The greatest series of spillages ever known
… to our household
We just had a viewing on our maisonette (we’re trying to sell it). Because of a series of unfortunate events, we ended up being at home while the viewers were shown around. Not ideal. We normally prefer to make ourselves scarce.
It was dinner time for the kids and we decided to simply crack on and give them dinner. Great idea. Simply inspired. What followed was the greatest series of spillages our household has ever seen, all in the space of half an hour.
Spillage number one
The viewers are in the house being shown around by our estate agent. They are on the lower level. They haven’t yet come up to the second floor where our living room and kitchen are located. I hear a crash from the kitchen. The wife shouts for help. A tub of soup has spilled over the floor. Frantic mopping with paper towels ensues.
Spillage numbers two
The viewers are in the living room and I bring our daughter through with her dinner on a plate. I can only assume she goes limp with shyness and her dinner is dumped in the middle of the floor at the viewers’ feet.
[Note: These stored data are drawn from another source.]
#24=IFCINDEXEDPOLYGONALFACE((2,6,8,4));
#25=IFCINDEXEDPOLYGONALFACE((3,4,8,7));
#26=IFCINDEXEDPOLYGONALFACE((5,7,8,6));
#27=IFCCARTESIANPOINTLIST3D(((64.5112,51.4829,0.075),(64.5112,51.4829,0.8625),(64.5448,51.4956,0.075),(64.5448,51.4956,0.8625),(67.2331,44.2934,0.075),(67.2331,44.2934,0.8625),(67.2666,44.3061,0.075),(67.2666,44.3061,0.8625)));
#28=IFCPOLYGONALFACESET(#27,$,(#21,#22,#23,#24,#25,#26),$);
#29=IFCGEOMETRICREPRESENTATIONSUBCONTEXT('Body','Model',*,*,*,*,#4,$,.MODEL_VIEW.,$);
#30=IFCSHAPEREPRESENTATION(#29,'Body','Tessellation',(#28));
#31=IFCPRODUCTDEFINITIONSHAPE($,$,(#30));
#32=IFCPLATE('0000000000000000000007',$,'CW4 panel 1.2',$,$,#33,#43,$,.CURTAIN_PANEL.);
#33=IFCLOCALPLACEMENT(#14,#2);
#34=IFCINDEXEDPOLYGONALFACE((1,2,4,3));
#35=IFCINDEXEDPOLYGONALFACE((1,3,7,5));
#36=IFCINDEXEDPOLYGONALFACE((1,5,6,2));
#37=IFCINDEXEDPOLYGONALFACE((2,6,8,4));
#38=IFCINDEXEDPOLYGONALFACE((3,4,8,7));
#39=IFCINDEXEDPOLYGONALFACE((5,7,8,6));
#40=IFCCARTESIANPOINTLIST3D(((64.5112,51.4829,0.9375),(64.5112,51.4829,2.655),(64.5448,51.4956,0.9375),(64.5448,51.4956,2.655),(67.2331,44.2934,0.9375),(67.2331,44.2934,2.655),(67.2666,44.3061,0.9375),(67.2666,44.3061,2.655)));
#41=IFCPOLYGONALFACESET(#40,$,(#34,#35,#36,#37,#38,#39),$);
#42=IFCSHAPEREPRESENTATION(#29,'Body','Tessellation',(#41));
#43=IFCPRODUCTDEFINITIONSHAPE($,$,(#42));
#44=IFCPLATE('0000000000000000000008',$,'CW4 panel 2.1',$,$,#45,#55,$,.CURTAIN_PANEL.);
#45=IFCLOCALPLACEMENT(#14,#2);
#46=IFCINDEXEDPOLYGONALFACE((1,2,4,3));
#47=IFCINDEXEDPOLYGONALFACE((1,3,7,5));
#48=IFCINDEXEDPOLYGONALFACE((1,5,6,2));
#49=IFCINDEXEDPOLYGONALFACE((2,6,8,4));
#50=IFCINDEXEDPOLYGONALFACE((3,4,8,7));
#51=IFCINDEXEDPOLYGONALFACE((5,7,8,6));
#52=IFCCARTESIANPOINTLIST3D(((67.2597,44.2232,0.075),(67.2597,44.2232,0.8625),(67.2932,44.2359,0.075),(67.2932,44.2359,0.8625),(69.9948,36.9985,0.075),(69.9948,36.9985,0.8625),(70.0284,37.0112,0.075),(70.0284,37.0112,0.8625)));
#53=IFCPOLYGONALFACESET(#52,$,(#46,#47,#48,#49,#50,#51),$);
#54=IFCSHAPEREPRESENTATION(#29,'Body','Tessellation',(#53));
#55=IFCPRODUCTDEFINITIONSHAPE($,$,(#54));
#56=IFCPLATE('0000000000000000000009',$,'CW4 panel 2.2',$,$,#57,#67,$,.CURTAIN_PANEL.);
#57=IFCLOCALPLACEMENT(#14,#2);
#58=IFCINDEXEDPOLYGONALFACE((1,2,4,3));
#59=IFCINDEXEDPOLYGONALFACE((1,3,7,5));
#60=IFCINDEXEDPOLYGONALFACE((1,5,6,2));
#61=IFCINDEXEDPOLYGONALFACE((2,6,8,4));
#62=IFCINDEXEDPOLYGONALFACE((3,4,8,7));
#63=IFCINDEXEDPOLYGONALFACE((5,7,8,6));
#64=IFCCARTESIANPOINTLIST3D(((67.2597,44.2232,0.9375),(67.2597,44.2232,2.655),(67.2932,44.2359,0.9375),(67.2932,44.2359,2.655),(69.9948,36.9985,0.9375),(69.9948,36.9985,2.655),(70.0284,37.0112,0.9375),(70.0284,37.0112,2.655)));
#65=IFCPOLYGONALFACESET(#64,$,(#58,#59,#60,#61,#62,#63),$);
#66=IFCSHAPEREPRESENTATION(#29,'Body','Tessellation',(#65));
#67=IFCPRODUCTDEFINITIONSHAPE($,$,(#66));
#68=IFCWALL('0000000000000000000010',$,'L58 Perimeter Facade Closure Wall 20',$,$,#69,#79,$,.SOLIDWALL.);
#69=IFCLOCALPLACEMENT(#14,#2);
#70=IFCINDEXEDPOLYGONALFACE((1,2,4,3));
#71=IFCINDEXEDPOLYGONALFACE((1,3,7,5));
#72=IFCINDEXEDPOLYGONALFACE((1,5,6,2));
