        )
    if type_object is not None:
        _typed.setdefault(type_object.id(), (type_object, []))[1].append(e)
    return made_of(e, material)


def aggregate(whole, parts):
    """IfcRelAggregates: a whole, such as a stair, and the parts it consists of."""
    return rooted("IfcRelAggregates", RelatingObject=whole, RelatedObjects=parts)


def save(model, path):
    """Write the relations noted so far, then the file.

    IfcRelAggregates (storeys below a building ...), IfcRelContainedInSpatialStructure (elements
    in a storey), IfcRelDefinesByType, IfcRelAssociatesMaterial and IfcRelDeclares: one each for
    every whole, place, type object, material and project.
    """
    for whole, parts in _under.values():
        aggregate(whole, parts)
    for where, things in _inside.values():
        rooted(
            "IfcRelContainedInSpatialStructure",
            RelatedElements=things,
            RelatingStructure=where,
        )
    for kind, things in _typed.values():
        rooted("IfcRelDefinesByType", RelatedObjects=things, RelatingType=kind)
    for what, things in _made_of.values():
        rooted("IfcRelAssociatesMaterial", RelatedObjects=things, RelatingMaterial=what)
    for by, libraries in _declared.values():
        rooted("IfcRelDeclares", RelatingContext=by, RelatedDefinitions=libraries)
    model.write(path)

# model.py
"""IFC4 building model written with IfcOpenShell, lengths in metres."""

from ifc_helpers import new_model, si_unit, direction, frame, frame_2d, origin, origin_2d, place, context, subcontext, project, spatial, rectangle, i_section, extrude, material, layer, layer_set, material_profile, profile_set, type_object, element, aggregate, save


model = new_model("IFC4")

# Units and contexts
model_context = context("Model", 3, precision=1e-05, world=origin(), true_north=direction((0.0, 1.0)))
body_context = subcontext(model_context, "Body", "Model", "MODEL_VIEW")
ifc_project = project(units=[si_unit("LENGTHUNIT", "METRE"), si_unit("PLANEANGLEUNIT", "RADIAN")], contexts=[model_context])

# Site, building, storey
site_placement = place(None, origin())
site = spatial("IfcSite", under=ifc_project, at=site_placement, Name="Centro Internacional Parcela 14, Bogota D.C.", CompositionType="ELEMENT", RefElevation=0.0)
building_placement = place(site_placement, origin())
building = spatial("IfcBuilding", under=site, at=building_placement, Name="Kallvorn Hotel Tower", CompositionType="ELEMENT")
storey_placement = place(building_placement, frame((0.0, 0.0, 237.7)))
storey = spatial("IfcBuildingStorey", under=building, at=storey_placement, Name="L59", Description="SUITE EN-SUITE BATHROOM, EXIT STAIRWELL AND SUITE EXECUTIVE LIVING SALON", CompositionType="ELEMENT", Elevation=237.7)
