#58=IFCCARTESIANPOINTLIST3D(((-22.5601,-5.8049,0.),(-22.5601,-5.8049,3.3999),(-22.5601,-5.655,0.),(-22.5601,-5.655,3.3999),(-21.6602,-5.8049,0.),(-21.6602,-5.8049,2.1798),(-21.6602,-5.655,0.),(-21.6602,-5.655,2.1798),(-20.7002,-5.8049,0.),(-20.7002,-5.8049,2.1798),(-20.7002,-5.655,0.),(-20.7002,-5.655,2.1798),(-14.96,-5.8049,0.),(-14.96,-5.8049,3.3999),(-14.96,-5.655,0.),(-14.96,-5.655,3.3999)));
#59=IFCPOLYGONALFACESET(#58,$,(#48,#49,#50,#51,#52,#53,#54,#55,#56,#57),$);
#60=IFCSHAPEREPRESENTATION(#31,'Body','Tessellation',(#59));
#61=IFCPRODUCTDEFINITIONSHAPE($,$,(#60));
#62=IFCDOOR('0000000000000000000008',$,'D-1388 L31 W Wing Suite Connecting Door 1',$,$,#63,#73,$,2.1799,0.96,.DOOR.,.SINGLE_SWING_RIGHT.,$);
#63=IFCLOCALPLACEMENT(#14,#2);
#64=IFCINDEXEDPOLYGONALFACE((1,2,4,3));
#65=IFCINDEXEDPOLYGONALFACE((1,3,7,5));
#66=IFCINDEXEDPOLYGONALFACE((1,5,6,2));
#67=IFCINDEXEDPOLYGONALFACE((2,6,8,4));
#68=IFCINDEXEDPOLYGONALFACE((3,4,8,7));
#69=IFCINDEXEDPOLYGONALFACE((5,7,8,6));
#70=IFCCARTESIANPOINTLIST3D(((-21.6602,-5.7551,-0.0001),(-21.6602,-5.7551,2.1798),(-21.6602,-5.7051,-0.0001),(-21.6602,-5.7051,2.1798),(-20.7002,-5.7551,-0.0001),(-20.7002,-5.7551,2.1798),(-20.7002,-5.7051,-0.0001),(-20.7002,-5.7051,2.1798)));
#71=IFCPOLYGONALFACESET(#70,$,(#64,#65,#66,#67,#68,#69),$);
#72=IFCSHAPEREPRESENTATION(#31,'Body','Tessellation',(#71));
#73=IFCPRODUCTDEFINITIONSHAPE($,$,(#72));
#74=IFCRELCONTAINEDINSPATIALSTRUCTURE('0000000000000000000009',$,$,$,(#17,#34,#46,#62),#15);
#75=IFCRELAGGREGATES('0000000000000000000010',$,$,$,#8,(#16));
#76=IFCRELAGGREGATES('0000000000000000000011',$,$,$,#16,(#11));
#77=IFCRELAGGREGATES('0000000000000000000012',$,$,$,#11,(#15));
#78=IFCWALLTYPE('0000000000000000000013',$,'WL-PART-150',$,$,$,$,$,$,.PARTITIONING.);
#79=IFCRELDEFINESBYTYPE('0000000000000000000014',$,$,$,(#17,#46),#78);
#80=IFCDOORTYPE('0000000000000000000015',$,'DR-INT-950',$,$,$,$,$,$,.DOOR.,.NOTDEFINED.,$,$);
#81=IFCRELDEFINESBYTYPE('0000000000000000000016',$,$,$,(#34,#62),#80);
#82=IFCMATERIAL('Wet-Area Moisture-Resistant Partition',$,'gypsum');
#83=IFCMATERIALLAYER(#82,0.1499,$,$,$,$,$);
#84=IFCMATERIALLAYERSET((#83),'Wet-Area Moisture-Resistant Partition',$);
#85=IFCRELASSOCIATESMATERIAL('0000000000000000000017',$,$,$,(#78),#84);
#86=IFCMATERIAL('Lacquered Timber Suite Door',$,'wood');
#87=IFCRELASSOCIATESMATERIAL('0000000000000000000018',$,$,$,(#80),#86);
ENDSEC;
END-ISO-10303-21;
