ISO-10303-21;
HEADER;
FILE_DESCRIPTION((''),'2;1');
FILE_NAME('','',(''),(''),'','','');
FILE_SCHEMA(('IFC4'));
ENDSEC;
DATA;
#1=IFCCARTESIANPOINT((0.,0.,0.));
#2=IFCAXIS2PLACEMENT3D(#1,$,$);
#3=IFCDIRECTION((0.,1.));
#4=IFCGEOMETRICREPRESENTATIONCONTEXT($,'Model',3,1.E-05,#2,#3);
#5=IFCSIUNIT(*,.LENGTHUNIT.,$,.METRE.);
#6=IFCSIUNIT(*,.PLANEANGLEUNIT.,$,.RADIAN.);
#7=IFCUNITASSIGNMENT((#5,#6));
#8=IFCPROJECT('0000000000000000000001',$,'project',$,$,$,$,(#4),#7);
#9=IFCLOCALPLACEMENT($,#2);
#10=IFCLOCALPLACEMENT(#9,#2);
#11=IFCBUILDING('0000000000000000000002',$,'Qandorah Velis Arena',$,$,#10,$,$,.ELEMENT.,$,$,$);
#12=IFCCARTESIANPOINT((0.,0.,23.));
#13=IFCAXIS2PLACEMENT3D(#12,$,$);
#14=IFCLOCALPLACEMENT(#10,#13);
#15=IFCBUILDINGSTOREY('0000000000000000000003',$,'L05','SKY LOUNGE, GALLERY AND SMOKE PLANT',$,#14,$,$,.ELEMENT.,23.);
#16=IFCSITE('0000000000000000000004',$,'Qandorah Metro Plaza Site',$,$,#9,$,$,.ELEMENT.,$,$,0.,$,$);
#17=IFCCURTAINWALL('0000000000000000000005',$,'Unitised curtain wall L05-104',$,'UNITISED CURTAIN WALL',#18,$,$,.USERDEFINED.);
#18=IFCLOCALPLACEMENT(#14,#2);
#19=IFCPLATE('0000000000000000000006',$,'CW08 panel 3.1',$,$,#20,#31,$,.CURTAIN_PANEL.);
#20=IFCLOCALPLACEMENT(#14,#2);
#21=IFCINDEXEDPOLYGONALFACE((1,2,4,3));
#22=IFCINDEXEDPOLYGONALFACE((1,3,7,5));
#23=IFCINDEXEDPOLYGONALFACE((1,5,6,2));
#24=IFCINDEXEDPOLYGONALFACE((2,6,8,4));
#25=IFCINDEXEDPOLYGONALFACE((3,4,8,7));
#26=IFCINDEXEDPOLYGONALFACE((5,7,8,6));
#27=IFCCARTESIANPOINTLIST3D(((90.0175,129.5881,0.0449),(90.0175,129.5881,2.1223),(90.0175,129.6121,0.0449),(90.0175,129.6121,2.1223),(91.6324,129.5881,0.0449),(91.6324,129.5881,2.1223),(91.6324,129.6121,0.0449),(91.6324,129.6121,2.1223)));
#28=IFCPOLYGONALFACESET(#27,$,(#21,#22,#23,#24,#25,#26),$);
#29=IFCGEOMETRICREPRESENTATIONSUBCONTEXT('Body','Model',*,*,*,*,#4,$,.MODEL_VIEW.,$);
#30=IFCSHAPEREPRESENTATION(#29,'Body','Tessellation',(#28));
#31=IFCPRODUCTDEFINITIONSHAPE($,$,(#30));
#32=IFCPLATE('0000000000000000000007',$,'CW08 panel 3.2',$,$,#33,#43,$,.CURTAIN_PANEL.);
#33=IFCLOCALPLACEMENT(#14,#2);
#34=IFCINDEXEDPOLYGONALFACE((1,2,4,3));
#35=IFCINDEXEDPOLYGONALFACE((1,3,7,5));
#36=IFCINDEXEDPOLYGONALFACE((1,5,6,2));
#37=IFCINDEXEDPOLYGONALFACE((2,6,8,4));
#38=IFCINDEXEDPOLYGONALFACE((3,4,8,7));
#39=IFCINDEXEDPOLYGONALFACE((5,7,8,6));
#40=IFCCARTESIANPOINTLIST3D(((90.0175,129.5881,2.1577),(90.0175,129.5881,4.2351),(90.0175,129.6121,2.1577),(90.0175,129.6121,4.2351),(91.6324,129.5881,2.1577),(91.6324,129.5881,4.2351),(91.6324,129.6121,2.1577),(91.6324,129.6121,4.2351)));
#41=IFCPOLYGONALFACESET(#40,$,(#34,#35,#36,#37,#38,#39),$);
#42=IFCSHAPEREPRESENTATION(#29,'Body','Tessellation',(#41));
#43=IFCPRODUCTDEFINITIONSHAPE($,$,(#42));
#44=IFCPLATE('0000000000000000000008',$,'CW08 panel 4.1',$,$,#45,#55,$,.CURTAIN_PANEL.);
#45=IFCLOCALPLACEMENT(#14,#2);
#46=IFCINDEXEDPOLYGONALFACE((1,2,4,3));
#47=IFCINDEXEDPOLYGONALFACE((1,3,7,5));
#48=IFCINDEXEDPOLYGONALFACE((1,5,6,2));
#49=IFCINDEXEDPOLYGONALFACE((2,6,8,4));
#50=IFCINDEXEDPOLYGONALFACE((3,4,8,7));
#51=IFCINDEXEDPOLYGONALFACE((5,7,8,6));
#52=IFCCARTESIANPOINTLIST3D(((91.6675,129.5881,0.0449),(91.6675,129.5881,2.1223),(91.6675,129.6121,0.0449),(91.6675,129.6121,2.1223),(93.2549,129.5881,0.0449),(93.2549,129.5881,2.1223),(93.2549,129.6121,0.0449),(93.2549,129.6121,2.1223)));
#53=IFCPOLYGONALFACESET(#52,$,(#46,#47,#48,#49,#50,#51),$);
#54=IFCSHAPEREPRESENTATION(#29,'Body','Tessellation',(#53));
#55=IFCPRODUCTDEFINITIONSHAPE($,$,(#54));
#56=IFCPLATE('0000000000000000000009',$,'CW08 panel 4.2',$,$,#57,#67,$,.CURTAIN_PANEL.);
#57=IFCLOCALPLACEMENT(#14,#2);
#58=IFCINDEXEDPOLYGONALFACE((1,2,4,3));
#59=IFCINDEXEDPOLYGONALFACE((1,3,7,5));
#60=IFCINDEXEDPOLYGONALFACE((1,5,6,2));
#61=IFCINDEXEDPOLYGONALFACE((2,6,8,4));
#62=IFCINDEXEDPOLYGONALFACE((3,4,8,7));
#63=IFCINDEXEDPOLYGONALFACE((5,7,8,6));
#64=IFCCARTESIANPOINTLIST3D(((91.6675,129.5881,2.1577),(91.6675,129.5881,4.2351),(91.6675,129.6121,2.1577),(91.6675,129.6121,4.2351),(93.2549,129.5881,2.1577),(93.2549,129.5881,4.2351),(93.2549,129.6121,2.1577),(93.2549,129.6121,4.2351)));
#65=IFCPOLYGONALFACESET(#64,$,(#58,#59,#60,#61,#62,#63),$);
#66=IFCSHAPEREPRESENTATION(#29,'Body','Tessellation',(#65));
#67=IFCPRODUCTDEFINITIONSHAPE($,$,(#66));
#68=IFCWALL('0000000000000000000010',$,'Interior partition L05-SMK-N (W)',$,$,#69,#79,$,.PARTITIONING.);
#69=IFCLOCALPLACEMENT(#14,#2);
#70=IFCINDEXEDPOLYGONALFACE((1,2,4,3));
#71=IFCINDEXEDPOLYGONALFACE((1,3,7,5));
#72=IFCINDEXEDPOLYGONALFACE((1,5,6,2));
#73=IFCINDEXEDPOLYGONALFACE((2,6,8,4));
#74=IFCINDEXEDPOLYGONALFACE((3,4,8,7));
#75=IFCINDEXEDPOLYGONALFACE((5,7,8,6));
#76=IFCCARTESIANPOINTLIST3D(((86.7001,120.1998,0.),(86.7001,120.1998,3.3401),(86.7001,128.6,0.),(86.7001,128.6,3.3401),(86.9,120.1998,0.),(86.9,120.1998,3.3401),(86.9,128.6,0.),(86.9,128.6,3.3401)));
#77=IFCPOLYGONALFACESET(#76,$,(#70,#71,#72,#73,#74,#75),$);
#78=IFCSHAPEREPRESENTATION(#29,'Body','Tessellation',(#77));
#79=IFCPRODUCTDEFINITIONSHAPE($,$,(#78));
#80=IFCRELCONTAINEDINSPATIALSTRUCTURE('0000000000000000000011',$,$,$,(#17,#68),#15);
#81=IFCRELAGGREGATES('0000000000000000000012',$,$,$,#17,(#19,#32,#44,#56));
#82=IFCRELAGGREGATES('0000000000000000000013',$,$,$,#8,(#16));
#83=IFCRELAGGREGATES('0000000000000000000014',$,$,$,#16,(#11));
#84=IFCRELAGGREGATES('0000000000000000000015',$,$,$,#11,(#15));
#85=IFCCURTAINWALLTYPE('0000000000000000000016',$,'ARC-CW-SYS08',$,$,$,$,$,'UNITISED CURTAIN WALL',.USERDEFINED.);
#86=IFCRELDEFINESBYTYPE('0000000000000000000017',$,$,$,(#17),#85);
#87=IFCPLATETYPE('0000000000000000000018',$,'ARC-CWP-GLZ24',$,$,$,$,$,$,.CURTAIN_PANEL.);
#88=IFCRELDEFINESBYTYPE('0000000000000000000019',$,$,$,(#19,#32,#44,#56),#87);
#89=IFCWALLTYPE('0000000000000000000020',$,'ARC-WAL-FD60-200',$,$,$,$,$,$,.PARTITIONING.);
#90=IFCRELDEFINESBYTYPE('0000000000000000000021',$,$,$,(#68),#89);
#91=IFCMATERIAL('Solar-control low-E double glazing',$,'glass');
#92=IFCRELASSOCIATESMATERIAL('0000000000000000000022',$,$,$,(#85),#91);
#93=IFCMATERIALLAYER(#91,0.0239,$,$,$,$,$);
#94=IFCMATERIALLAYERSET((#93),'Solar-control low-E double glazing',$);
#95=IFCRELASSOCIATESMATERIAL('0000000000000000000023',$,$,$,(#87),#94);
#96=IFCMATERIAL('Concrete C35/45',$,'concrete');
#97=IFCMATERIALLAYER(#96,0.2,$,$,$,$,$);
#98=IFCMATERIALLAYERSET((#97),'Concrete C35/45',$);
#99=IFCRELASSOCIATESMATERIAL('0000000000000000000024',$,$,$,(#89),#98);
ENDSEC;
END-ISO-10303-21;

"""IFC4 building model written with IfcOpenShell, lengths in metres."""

from ifc_helpers import new_model, si_unit, direction, frame, frame_2d, origin, origin_2d, place, context, subcontext, project, spatial, rectangle, extrude, material, layer, layer_set, type_object, element, aggregate, save


model = new_model("IFC4")

# Units and contexts
model_context = context("Model", 3, precision=1e-05, world=origin(), true_north=direction((0.0, 1.0)))
body_context = subcontext(model_context, "Body", "Model", "MODEL_VIEW")
ifc_project = project(units=[si_unit("LENGTHUNIT", "METRE"), si_unit("PLANEANGLEUNIT", "RADIAN")], contexts=[model_context])

# Site, building, storey
site_placement = place(None, origin())
site = spatial("IfcSite", under=ifc_project, at=site_placement, Name="Qandorah Metro Plaza Site", CompositionType="ELEMENT", RefElevation=0.0)
building_placement = place(site_placement, origin())
building = spatial("IfcBuilding", under=site, at=building_placement, Name="Qandorah Velis Arena", CompositionType="ELEMENT")
storey_placement = place(building_placement, frame((0.0, 0.0, 23.0)))
storey = spatial("IfcBuildingStorey", under=building, at=storey_placement, Name="L05", Description="SKY LOUNGE, GALLERY AND SMOKE PLANT", CompositionType="ELEMENT", Elevation=23.0)

# Curtain wall
ifc_material_1 = material(Name="Solar-control low-E double glazing", Category="glass")
curtain_wall_type = type_object("IfcCurtainWallType", Name="ARC-CW-SYS08", ElementType="UNITISED CURTAIN WALL", PredefinedType="USERDEFINED", material=ifc_material_1)
curtain_wall_placement = place(storey_placement, origin())
curtain_wall = element("IfcCurtainWall", 1, at=curtain_wall_placement, inside=storey, type_object=curtain_wall_type, Name="Unitised curtain wall L05-104", ObjectType="UNITISED CURTAIN WALL", PredefinedType="USERDEFINED")

# Plates
ifc_layer_1 = layer(ifc_material_1, 0.0239)
ifc_layer_set_1 = layer_set([ifc_layer_1], Name="Solar-control low-E double glazing")
plate_type = type_object("IfcPlateType", Name="ARC-CWP-GLZ24", PredefinedType="CURTAIN_PANEL", material=ifc_layer_set_1)
plate_1_placement = place(storey_placement, frame((90.825, 129.6001, 0.0449), z_axis=(0.0, 0.0, 1.0), x_axis=(1.0, 0.0, 0.0)))
plate_1 = element("IfcPlate", 2, at=plate_1_placement, type_object=plate_type, Name="CW08 panel 3.1", PredefinedType="CURTAIN_PANEL", context=body_context, shape_type="SweptSolid", body=[
    extrude(rectangle(XDim=1.615, YDim=0.0239, at=origin_2d()), origin(), (0.0, 0.0, 1.0), 2.0774),
])
plate_2_placement = place(storey_placement, frame((90.825, 129.6001, 2.1577), z_axis=(0.0, 0.0, 1.0), x_axis=(1.0, 0.0, 0.0)))
plate_2 = element("IfcPlate", 3, at=plate_2_placement, type_object=plate_type, Name="CW08 panel 3.2", PredefinedType="CURTAIN_PANEL", context=body_context, shape_type="SweptSolid", body=[
    extrude(rectangle(XDim=1.615, YDim=0.0239, at=origin_2d()), origin(), (0.0, 0.0, 1.0), 2.0774),
])
plate_3_placement = place(storey_placement, frame((92.4612, 129.6001, 0.0449), z_axis=(0.0, 0.0, 1.0), x_axis=(1.0, 0.0, 0.0)))
plate_3 = element("IfcPlate", 4, at=plate_3_placement, type_object=plate_type, Name="CW08 panel 4.1", PredefinedType="CURTAIN_PANEL", context=body_context, shape_type="SweptSolid", body=[
    extrude(rectangle(XDim=1.5874, YDim=0.0239, at=origin_2d()), origin(), (0.0, 0.0, 1.0), 2.0774),
])
plate_4_placement = place(storey_placement, frame((92.4612, 129.6001, 2.1577), z_axis=(0.0, 0.0, 1.0), x_axis=(1.0, 0.0, 0.0)))
plate_4 = element("IfcPlate", 5, at=plate_4_placement, type_object=plate_type, Name="CW08 panel 4.2", PredefinedType="CURTAIN_PANEL", context=body_context, shape_type="SweptSolid", body=[
    extrude(rectangle(XDim=1.5874, YDim=0.0239, at=origin_2d()), origin(), (0.0, 0.0, 1.0), 2.0774),
])
aggregate(curtain_wall, [plate_1, plate_2, plate_3, plate_4])

# Wall
ifc_material_2 = material(Name="Concrete C35/45", Category="concrete")
ifc_layer_2 = layer(ifc_material_2, 0.2)
ifc_layer_set_2 = layer_set([ifc_layer_2], Name="Concrete C35/45")
wall_type = type_object("IfcWallType", Name="ARC-WAL-FD60-200", PredefinedType="PARTITIONING", material=ifc_layer_set_2)
wall_placement = place(storey_placement, frame((86.8, 128.6001, 0.0), z_axis=(0.0, 0.0, 1.0), x_axis=(0.0, -1.0, 0.0)))
element("IfcWall", 6, at=wall_placement, inside=storey, type_object=wall_type, Name="Interior partition L05-SMK-N (W)", PredefinedType="PARTITIONING", context=body_context, shape_type="SweptSolid", body=[
    extrude(rectangle(XDim=8.4001, YDim=0.2, at=frame_2d((4.2002, 0.0))), origin(), (0.0, 0.0, 1.0), 3.3401),
])

save(model, "model.ifc")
I tidy it up while answering question about our ground rent.
Spillage number three
Viewing over. Kids eating dinner. I am about to leave for the shops to grab some milk as we need it for our littlest one’s bedtime. I am by our front door. I hear a crash from upstairs. Our daughter has stirred her yogurt right off the table, smashing the little bowl to smithereens and splattering yogurt all over my wife and the floor.
Seriously universe. What gives? Go and harass another family why don’t you?